First we configure which datasource to use. This is where you alternatively would use another implementation when fetching documents from a database.

Documents describe the fields that will be stored in the index. The attributes for the entity element determine where and how to fetch the data, most importantly the url and the processor. forEach contains an XPath to identify the elements we'd like to loop over. The transformer attribute is used to specify some classes that are the available when mapping the remote XML to the Solr fields.

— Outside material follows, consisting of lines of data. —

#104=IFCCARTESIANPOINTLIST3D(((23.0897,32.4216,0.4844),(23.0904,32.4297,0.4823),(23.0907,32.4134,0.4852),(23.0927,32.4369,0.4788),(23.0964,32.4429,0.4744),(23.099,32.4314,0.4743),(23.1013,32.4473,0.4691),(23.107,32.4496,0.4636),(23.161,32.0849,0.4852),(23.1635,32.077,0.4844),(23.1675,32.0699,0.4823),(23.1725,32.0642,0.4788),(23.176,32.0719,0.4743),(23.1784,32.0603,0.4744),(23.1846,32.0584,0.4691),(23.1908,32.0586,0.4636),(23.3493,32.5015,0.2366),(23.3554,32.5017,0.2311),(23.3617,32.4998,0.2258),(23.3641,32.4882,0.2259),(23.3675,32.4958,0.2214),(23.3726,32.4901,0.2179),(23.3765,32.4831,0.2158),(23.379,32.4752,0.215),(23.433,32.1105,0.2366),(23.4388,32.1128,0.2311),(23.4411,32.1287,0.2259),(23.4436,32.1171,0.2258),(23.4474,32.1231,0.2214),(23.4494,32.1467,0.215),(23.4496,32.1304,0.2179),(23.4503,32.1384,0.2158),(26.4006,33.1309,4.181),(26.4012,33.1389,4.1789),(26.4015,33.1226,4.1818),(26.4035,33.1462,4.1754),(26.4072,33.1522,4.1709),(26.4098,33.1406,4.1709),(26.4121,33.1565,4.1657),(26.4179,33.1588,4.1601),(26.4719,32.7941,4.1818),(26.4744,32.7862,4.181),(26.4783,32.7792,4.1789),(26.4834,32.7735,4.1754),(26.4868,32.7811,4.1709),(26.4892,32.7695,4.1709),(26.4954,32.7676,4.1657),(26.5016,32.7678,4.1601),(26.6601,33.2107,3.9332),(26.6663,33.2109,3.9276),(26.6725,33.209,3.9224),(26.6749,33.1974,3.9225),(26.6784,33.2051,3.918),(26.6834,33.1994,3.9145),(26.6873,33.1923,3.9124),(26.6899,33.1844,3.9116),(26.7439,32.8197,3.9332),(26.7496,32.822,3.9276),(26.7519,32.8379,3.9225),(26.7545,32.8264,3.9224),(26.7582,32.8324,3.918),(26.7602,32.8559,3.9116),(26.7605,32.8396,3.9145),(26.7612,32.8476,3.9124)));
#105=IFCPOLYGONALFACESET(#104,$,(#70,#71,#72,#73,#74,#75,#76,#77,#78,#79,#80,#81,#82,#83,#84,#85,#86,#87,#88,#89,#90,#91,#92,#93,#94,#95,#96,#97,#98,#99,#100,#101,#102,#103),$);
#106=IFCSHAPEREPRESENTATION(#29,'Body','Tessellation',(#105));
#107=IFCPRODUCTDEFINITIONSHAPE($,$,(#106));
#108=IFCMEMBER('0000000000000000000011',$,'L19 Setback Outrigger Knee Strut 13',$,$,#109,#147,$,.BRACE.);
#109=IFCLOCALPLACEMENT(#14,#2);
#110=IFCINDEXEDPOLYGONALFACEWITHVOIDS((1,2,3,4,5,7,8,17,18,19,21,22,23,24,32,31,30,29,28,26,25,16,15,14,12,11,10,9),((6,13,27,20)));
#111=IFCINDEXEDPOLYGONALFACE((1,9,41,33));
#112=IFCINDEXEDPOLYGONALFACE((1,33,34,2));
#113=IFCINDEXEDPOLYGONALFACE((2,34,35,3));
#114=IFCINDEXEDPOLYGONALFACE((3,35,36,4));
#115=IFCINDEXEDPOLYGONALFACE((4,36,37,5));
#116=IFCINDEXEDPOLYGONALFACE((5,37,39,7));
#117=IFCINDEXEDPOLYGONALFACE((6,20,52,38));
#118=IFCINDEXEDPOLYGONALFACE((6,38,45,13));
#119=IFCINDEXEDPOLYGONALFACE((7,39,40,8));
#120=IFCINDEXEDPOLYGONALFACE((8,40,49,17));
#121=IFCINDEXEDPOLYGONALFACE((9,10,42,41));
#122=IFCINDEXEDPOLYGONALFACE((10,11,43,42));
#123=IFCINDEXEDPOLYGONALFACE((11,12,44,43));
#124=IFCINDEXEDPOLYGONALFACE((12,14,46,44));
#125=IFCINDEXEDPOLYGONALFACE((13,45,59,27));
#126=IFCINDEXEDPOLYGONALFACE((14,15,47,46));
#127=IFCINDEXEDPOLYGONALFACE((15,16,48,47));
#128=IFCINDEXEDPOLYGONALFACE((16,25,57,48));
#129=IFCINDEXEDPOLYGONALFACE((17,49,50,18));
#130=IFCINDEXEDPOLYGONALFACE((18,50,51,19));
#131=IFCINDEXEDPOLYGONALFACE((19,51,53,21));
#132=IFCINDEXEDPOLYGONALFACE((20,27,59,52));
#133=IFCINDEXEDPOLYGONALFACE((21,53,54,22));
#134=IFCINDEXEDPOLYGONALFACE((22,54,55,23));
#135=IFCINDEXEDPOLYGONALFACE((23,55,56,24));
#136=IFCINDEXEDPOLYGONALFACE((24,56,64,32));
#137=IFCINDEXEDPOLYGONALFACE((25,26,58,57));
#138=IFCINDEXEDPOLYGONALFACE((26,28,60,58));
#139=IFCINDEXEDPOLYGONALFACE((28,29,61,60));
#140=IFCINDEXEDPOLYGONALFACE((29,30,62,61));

The field elements contain the mapping between the Atom document and the Solr index fields. The column attribute determines the name of the index field, xpath determines the node to use in the remote XML document. You can use advanced XPath options like mapping to attributes of elements where only another attribute is set. E.g. /feed/entry/link[@rel='alternate']/@href points to an element that determines an alternative representation of a blog post entry:

<feed ...> 
  ...
  <entry> 
    ...
    <link rel='alternate' type='text/html' href='http://fhopf.blogspot.com/2012/03/testing-akka-actors-from-java.html' title='Testing Akka actors from Java'/>
    ...
  </entry>
...
</feed>

For the column last_modified we are transforming the remote date format to the internal Solr representation using the DateProcessor. I am not sure yet if this is the correct solution as it seems to me I'm losing the timezone information. For the text field we are first removing all html elements that are contained in the blog post using the HTMLStripTransformer. Finally, the type contains a hardcoded value that is set using the TemplateTransformer.

To have everything in one place let's see how the schema for our index looks like:

<field name="url" type="string" indexed="true" stored="true" required="true"/>
<field name="title" type="text_general" indexed="true" stored="true"/>
<field name="category" type="text_general" indexed="true" stored="true" multiValued="true"/>
<field name="last_modified" type="date" indexed="true" stored="true"/>
<field name="text" type="text_general" indexed="true" stored="false" multiValued="true"/>
<field name="type" type="string" indexed="true" stored="false"/>

Finally, how can you trigger the dataimport? There is an option described in the Solr wiki, but probably a simple solution might be enough for you. I am using a shell script that is triggered by a cron job. These are the contents:

#!/bin/bash
curl localhost:8983/solr/dataimport?command=full-import

The data import handler is really easy to setup and you can use it to import quite a lot of data sources into your index. If you need more advanced crawling features you might want to have a look at Apache ManifoldCF, a connector framework for plugging content repositories into search engines like Apache Solr.